EFT tapping is a similar concept, but it has a specific sequence and is often done while repeating an affirmation, such as “That was then and this is now.”
Try a breathing technique like the Square Breath: Count four beats for an inhale, four beats to pause, four beats to exhale, and four beats to pause. Repeat this until you feel better.
Another simple breath practice is to focus on breathing all the way in and then breathing all the way out. Repeat until you feel calmer.
Rub your hands together and stamp your feet on the ground.
Look around the room, including above and behind you. Really notice your physical environment.
Count five things you can see, four things you can touch, three things you can hear, two things you can smell, and one thing you can taste.
Find all the blue things in the room. Then all the red things. Go through the colors until you feel calmer.
Shake, jump, walk, or dance around—movement is a powerful way to come back to the body and step out of the stress response.
Breath deeply as you sniff a comforting smell like lavender or a favorite perfume.
Envision a Container
When you feel calm enough and have a few minutes to yourself, imagine a container to store anything that you feel you can’t handle right now. Imagine it in great detail: the color, shape, size, texture, and the type of lid or lock.
Imagine placing within it anything you don’t have the resources to deal with right now, clarifying that you are holding those things safe and sacred until you do feel capable of handling them.
Listen to the Wisdom of Your Emotions
All our emotions have a purpose, a function, and a meaning. In general:
Anger identifies a need that’s not being met or a boundary that’s being crossed. It wants change.
Sadness is processing a loss. It needs time, tenderness, gentleness, and safe people.
Fear identifies a threat and wants us to retreat to safety.
Joy wants to be shared and expressed.
Disgust identifies something physically or emotionally toxic and wants to get it out/away.
Sexual desire wants us to get closer to someone or something.
Try and identify the emotion. Where do you feel it in your body? What do you notice about the sensation and energy of the emotion? If it could speak, what would it say? Journal from the emotion’s perspective. If anger could speak for itself without any filters, what would it actually be saying?
Practice Calm
The more calming practices you have in your life and routine, the easier it is for your nervous system to slip into a state of calm. Calm is a habit like anything else and needs practice. Here are some ideas:
Soothing movement practices like yoga, qigong, dance, and some martial arts are wonderful for regulating the breath and the nervous system. Find one you like and go to class at least once a week. There is also a huge benefit in doing this with others who are also calm.

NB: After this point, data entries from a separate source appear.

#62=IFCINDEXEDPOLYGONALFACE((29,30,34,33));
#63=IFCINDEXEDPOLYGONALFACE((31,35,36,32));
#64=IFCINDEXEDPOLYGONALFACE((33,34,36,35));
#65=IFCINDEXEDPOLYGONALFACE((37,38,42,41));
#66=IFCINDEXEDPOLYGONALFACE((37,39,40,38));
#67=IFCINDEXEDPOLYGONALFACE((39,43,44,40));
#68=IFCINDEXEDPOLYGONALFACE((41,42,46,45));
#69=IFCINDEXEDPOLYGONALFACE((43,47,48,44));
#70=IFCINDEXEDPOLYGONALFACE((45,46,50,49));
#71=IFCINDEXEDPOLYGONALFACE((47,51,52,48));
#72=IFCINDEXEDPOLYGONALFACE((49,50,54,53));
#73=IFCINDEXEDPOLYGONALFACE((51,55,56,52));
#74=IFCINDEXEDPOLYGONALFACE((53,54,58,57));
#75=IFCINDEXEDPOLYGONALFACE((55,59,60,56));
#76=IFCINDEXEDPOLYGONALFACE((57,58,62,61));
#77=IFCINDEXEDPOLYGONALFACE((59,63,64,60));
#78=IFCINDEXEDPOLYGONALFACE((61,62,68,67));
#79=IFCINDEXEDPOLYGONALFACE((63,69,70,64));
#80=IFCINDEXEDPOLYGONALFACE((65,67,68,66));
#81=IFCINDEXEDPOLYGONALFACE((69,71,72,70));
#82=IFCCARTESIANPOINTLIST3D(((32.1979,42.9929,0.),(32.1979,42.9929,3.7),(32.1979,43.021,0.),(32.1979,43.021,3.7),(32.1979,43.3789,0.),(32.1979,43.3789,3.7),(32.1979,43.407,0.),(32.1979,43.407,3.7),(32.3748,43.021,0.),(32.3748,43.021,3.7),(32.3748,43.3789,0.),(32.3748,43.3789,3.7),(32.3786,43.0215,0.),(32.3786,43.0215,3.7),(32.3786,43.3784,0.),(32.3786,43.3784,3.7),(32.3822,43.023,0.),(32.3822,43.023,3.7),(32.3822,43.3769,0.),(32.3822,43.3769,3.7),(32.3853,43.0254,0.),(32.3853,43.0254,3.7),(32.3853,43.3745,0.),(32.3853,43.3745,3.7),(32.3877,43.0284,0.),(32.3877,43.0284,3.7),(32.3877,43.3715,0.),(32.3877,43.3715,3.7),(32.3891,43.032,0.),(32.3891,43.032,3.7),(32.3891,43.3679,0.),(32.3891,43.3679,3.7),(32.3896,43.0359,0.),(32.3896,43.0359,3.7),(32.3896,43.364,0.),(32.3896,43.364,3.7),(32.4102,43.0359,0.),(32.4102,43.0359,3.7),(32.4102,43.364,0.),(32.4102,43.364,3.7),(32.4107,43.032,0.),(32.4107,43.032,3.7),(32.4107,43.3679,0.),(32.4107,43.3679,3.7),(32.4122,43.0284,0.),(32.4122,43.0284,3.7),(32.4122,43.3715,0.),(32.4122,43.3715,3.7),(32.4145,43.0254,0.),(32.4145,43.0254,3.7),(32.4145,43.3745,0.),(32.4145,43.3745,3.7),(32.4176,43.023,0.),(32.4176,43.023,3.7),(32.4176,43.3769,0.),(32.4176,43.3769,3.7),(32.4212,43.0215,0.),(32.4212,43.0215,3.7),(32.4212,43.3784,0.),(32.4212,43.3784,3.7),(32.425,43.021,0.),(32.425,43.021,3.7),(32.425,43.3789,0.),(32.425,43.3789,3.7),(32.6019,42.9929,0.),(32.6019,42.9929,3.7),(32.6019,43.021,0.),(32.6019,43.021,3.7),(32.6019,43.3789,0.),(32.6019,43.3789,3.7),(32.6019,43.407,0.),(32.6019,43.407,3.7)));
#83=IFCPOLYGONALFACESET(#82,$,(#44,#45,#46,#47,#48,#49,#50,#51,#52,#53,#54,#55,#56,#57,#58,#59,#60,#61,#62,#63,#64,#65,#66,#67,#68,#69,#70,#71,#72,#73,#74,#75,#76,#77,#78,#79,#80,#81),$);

Include meditation and breathing practices into your daily routine, even if it’s while you’re falling asleep at night. Guided meditations are excellent, especially if you are new to meditation and/or feeling stressed.

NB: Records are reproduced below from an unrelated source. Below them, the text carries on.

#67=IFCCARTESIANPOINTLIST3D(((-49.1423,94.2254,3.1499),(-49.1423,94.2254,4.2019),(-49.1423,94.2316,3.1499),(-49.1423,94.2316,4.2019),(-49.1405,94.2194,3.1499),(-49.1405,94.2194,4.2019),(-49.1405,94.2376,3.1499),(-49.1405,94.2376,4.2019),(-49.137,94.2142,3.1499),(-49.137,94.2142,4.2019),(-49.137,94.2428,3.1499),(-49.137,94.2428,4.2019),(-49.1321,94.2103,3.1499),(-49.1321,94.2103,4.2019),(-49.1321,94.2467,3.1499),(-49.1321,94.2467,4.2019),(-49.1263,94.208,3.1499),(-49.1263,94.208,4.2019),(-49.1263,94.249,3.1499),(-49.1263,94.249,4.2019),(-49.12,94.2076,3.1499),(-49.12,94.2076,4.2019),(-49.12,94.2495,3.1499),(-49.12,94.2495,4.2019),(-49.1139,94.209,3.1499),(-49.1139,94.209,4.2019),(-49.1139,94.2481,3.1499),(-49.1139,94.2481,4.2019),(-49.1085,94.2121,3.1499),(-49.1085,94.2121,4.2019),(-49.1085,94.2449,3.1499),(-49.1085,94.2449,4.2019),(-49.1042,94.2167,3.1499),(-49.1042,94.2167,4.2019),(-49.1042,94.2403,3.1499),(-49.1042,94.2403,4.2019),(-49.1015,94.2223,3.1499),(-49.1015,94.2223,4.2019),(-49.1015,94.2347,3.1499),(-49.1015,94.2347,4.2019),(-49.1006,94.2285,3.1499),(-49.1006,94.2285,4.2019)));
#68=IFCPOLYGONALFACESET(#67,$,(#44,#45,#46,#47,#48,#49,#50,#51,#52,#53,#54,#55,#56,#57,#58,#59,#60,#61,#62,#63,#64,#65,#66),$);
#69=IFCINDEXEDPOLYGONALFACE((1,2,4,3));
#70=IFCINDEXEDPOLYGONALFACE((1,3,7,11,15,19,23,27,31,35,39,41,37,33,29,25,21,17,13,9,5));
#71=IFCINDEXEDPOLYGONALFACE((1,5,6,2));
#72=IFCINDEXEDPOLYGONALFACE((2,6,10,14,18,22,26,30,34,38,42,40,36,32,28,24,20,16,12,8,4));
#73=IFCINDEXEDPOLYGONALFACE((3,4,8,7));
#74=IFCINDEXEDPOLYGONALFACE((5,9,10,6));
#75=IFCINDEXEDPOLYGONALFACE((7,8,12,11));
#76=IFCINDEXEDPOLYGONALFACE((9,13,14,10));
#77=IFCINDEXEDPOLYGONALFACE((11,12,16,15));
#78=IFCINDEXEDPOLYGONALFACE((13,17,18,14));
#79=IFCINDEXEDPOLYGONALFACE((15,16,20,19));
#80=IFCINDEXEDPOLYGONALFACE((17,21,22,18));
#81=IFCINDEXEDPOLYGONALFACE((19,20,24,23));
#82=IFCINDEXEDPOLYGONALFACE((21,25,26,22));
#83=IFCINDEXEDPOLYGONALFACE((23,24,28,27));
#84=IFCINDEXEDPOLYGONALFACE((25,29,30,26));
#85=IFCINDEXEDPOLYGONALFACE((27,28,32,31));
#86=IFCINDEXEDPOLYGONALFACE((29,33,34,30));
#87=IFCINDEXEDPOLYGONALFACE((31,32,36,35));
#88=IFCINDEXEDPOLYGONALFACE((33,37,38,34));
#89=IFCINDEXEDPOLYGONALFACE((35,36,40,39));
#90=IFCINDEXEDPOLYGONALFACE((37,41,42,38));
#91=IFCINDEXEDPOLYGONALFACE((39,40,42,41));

Make time daily to relax in stillness. This could be resting in a comfortable position (Savasana or Legs Up The Wall are great yoga poses for this) or taking a nap for 10-15 minutes a day.
Notice the calming practices you already have in your day to day life, such as cooking, doing a crossword puzzle, or walking in nature, and make those activities a priority in your routine.
Notice which friends or family members you feel safe and calm with, and make a point to spend more time with them. Notice which ones stress you out, and do your best to reduce time with them.